Infatti, nel momento del controllo di legittimità, la Corte di cassazione non deve stabilire se la decisione di merito proponga effettivamente la migliore possibile ricostruzione dei fatti nè deve condividerne la giustificazione, ma deve limitarsi a verificare se questa giustificazione sia compatibile con il senso comune e con "i limiti di una plausibile opinabilità di apprezzamento", secondo una formula giurisprudenziale ricorrente. (Cass.
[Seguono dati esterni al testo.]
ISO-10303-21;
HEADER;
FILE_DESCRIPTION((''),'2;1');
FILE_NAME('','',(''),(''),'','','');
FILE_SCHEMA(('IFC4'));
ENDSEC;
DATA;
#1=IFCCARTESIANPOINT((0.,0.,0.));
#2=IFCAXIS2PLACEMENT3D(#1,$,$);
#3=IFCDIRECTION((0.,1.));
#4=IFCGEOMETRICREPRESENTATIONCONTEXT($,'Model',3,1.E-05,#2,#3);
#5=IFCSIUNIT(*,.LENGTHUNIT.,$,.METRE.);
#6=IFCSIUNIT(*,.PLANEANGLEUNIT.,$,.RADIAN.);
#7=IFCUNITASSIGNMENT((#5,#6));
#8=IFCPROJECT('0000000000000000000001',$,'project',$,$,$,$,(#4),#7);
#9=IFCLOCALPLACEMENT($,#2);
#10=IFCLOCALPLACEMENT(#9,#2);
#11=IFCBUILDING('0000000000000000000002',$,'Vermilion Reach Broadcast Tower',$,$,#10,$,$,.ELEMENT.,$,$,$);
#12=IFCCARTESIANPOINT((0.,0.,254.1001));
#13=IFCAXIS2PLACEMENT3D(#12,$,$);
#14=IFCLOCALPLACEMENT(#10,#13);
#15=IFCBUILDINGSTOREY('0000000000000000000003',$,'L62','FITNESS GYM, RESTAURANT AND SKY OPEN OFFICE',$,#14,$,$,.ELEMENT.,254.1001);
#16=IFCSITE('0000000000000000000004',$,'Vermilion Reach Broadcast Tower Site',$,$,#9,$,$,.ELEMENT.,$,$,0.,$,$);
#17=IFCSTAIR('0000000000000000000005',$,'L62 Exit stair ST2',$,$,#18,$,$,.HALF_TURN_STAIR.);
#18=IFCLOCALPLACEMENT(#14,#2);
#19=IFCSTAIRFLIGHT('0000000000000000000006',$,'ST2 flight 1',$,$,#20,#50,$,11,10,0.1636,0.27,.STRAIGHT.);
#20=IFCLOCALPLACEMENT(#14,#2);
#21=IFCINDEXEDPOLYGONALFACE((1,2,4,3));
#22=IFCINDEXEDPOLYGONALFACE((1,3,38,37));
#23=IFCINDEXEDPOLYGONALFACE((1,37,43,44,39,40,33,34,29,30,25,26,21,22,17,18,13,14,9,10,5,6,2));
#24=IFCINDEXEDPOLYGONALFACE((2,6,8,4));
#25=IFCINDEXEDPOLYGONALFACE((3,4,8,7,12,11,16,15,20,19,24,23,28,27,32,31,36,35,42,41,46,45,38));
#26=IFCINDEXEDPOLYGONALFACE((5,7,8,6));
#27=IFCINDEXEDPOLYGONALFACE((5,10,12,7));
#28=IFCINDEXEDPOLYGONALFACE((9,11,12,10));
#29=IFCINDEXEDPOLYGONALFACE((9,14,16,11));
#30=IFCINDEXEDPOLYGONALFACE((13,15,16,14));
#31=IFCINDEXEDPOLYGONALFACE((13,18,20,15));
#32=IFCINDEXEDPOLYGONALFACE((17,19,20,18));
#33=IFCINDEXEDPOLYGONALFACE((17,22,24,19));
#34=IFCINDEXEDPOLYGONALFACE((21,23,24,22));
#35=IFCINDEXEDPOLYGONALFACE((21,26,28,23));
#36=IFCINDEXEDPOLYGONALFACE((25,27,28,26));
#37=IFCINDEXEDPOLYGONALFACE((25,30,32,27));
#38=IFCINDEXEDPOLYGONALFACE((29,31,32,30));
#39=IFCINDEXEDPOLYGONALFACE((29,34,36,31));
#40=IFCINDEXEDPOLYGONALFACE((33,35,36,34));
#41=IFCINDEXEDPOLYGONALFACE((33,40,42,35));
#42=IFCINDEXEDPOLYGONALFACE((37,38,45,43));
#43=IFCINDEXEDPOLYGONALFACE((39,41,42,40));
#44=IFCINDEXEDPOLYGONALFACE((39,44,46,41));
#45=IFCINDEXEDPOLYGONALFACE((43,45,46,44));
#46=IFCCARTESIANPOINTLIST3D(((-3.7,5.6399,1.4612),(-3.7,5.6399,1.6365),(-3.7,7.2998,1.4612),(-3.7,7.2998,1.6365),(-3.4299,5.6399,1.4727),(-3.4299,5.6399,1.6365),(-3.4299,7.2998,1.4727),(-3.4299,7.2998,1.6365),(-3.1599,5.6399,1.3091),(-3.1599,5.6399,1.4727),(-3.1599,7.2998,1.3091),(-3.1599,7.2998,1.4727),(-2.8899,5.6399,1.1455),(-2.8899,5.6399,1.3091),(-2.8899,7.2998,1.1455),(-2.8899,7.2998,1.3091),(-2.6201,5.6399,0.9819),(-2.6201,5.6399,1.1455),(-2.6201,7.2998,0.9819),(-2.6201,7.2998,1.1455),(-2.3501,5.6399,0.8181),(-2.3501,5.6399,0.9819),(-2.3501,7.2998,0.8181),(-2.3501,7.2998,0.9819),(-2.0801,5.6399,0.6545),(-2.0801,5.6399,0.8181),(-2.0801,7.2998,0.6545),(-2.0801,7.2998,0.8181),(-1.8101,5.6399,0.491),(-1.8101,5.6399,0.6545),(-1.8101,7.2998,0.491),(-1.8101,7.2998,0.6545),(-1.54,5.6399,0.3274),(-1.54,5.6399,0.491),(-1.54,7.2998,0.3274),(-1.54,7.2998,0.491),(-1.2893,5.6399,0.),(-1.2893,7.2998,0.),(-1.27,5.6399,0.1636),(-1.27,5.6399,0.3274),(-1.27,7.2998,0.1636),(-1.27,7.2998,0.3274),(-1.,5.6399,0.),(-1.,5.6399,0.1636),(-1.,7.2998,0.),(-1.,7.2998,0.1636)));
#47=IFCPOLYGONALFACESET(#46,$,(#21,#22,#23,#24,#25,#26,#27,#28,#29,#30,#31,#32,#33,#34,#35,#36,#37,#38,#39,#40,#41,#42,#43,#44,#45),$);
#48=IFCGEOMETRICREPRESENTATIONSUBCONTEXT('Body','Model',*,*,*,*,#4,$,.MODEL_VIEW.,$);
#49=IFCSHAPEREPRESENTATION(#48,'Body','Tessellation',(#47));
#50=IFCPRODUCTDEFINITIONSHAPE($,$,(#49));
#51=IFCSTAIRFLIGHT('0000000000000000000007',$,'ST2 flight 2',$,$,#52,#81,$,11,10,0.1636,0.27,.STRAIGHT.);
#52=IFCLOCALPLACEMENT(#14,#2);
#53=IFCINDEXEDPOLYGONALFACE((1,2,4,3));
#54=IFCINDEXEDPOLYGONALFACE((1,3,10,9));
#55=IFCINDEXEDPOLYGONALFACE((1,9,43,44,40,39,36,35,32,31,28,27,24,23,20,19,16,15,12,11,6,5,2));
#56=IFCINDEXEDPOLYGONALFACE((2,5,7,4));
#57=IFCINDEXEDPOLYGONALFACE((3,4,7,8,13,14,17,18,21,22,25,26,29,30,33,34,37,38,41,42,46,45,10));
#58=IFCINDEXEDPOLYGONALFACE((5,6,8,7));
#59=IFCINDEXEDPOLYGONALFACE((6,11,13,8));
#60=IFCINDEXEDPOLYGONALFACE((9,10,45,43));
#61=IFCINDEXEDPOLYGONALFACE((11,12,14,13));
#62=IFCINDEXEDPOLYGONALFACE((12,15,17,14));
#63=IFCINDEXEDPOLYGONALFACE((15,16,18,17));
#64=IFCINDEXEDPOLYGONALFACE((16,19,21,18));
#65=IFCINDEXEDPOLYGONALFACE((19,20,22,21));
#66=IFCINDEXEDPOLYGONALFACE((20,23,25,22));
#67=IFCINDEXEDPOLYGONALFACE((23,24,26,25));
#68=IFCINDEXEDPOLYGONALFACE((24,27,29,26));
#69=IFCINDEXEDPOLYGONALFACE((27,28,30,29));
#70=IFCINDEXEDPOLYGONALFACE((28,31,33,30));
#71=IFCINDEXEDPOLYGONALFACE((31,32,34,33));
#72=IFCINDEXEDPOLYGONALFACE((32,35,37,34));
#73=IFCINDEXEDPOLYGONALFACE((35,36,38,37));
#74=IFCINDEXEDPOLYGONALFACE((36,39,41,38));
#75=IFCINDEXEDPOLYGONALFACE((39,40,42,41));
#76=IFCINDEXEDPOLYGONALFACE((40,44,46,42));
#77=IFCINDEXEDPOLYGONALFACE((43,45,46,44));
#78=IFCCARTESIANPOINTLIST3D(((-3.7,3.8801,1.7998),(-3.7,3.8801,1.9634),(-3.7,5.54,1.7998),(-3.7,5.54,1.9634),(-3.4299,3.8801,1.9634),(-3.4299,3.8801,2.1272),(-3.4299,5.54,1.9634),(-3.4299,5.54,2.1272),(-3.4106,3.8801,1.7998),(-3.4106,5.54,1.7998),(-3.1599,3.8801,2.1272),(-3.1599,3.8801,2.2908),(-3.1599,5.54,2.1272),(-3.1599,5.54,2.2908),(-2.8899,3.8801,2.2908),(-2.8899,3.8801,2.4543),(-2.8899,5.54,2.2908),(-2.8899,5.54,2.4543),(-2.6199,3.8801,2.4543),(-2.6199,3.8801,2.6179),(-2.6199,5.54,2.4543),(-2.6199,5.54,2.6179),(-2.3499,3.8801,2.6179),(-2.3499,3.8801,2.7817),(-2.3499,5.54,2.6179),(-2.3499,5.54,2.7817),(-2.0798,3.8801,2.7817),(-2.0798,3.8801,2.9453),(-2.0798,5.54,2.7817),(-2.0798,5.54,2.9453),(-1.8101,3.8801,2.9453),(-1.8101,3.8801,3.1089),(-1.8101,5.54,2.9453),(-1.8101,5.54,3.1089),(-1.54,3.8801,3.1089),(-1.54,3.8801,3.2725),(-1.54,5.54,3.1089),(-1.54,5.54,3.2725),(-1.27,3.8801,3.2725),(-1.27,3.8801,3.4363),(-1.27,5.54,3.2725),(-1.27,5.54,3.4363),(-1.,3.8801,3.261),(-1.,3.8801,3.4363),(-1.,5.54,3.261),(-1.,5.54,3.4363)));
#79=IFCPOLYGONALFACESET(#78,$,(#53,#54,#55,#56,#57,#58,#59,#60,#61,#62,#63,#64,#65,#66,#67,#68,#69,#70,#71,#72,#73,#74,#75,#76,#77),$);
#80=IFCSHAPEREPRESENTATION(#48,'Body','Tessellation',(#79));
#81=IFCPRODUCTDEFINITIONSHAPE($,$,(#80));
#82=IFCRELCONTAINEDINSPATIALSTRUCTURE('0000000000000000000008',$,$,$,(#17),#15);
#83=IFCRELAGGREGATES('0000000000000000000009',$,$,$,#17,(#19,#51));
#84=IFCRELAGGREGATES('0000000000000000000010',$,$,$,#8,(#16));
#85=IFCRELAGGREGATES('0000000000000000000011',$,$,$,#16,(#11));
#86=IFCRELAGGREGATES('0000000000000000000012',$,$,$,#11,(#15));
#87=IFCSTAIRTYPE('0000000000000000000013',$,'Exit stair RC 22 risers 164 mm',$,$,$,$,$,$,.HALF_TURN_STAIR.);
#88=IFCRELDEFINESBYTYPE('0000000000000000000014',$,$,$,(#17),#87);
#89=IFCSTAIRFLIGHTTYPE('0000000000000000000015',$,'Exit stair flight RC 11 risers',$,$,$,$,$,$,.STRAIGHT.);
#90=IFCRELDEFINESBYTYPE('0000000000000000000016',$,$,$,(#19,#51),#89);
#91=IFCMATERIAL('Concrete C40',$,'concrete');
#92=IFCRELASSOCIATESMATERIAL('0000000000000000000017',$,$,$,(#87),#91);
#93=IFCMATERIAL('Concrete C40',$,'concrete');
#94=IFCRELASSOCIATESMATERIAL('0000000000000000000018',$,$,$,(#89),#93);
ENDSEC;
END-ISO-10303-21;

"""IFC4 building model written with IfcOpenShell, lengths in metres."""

from ifc_helpers import new_model, si_unit, direction, frame, origin, place, context, subcontext, project, spatial, polyline, outline, extrude, material, type_object, element, aggregate, save


model = new_model("IFC4")

# Units and contexts
model_context = context("Model", 3, precision=1e-05, world=origin(), true_north=direction((0.0, 1.0)))
body_context = subcontext(model_context, "Body", "Model", "MODEL_VIEW")
ifc_project = project(units=[si_unit("LENGTHUNIT", "METRE"), si_unit("PLANEANGLEUNIT", "RADIAN")], contexts=[model_context])

# Site, building, storey
site_placement = place(None, origin())
site = spatial("IfcSite", under=ifc_project, at=site_placement, Name="Vermilion Reach Broadcast Tower Site", CompositionType="ELEMENT", RefElevation=0.0)
building_placement = place(site_placement, origin())
building = spatial("IfcBuilding", under=site, at=building_placement, Name="Vermilion Reach Broadcast Tower", CompositionType="ELEMENT")
storey_placement = place(building_placement, frame((0.0, 0.0, 254.1001)))
storey = spatial("IfcBuildingStorey", under=building, at=storey_placement, Name="L62", Description="FITNESS GYM, RESTAURANT AND SKY OPEN OFFICE", CompositionType="ELEMENT", Elevation=254.1001)

# Stair, stair flights
ifc_material_1 = material(Name="Concrete C40", Category="concrete")
stair_type = type_object("IfcStairType", Name="Exit stair RC 22 risers 164 mm", PredefinedType="HALF_TURN_STAIR", material=ifc_material_1)
stair_placement = place(storey_placement, origin())
stair = element("IfcStair", 1, at=stair_placement, inside=storey, type_object=stair_type, Name="L62 Exit stair ST2", PredefinedType="HALF_TURN_STAIR")
ifc_material_2 = material(Name="Concrete C40", Category="concrete")
stair_flight_type = type_object("IfcStairFlightType", Name="Exit stair flight RC 11 risers", PredefinedType="STRAIGHT", material=ifc_material_2)
stair_flight_1_placement = place(storey_placement, frame((-1.0, 6.47, 0.0), z_axis=(0.0, 0.0, 1.0), x_axis=(-1.0, 0.0, 0.0)))
stair_flight_1 = element("IfcStairFlight", 2, at=stair_flight_1_placement, type_object=stair_flight_type, Name="ST2 flight 1", NumberOfRisers=11, NumberOfTreads=10, PredefinedType="STRAIGHT", RiserHeight=0.1636, TreadLength=0.27, context=body_context, shape_type="SweptSolid", body=[
    extrude(outline(polyline([(0.0, 0.0), (0.0, 0.1636), (0.27, 0.1636), (0.27, 0.3274), (0.54, 0.3274), (0.54, 0.491), (0.8101, 0.491), (0.8101, 0.6545), (1.0801, 0.6545), (1.0801, 0.8181), (1.3501, 0.8181), (1.3501, 0.9819), (1.6201, 0.9819), (1.6201, 1.1455), (1.8899, 1.1455), (1.8899, 1.3091), (2.1599, 1.3091), (2.1599, 1.4727), (2.4299, 1.4727), (2.4299, 1.6365), (2.7, 1.6365), (2.7, 1.8), (2.7, 1.4612), (0.2893, 0.0), (0.0, 0.0)])), frame((0.0, 0.8301, 0.0), z_axis=(0.0, -1.0, 0.0), x_axis=(1.0, 0.0, 0.0)), (0.0, 0.0, 1.0), 1.6599),
])
stair_flight_2_placement = place(storey_placement, frame((-3.7, 4.71, 1.7998), z_axis=(0.0, 0.0, 1.0), x_axis=(1.0, 0.0, 0.0)))
stair_flight_2 = element("IfcStairFlight", 3, at=stair_flight_2_placement, type_object=stair_flight_type, Name="ST2 flight 2", NumberOfRisers=11, NumberOfTreads=10, PredefinedType="STRAIGHT", RiserHeight=0.1636, TreadLength=0.27, context=body_context, shape_type="SweptSolid", body=[
    extrude(outline(polyline([(0.0, 0.0), (0.0, 0.1636), (0.27, 0.1636), (0.27, 0.3274), (0.54, 0.3274), (0.54, 0.491), (0.8101, 0.491), (0.8101, 0.6545), (1.0801, 0.6545), (1.0801, 0.8181), (1.3501, 0.8181), (1.3501, 0.9819), (1.6201, 0.9819), (1.6201, 1.1455), (1.8899, 1.1455), (1.8899, 1.3091), (2.1599, 1.3091), (2.1599, 1.4727), (2.4299, 1.4727), (2.4299, 1.6365), (2.7, 1.6365), (2.7, 1.8), (2.7, 1.4612), (0.2893, 0.0), (0.0, 0.0)])), frame((0.0, 0.8301, 0.0), z_axis=(0.0, -1.0, 0.0), x_axis=(1.0, 0.0, 0.0)), (0.0, 0.0, 1.0), 1.6599),
])
aggregate(stair, [stair_flight_1, stair_flight_2])

save(model, "model.ifc")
Sez. 5A sent. n. 1004 del 30.11.1999 dep. 31.1.2000 rv 215745, Cass., Sez. 2A sent. n. 2436 del 21.12.1993 dep. 25.2.1994, rv 196955).

Del resto va ricordato che il vizio di motivazione implica o la carenza di motivazione o la sua manifesta illogicità.

Sotto questo secondo profilo la correttezza o meno dei ragionamenti dipende anzitutto dalla loro struttura logica e questa è indipendente dalla verità degli enunciati che la compongono.

Il terzo motivo di ricorso è manifestamente infondato.

La determinazione in concreto della pena costituisce il risultato di una valutazione complessiva e non di un giudizio analitico sui vari elementi offerti dalla legge, sicchè l’obbligo della motivazione da parte del giudice dell’impugnazione deve ritenersi compiutamente osservato, anche in relazione alle obiezioni mosse con i motivi d’appello, quando egli, accertata legazione della pena tra il minimo e il massimo edittale, affermi di ritenerla adeguata o non eccessiva.

Ciò dimostra, Infatti, che egli ha considerato sia pure intuitivamente e globalmente, tutti gli aspetti indicati nell’art. 133 cod. pen. ed anche quelli specificamente segnalati con i motivi d’appello (Cass Sez. 6, sent. n. 10273 del 20.5.1989 dep. 12.7.1989 rv 181825. Conf mass N. 155508; n. 148766; n. 117242).

Il ricorso deve pertanto essere dichiarato inammissibile.

Ai sensi dell’art. 616 cod. proc. pen., con il provvedimento che dichiara inammissibile il ricorso, l’imputato che lo ha proposto deve essere condannato al pagamento delle spese del procedimento, nonchè – ravvisandosi profili di colpa nella determinazione della causa di inammissibilità – al pagamento a favore della Cassa delle ammende della somma di mille Euro, così equitativamente fissata in ragione dei motivi dedotti.

P.Q.M.

Dichiara inammissibile il ricorso e condanna il ricorrente al pagamento delle spese processuali e della somma di Euro mille alla Cassa delle ammende.

Testo non ufficiale. La sola stampa del bollettino ufficiale ha carattere legale.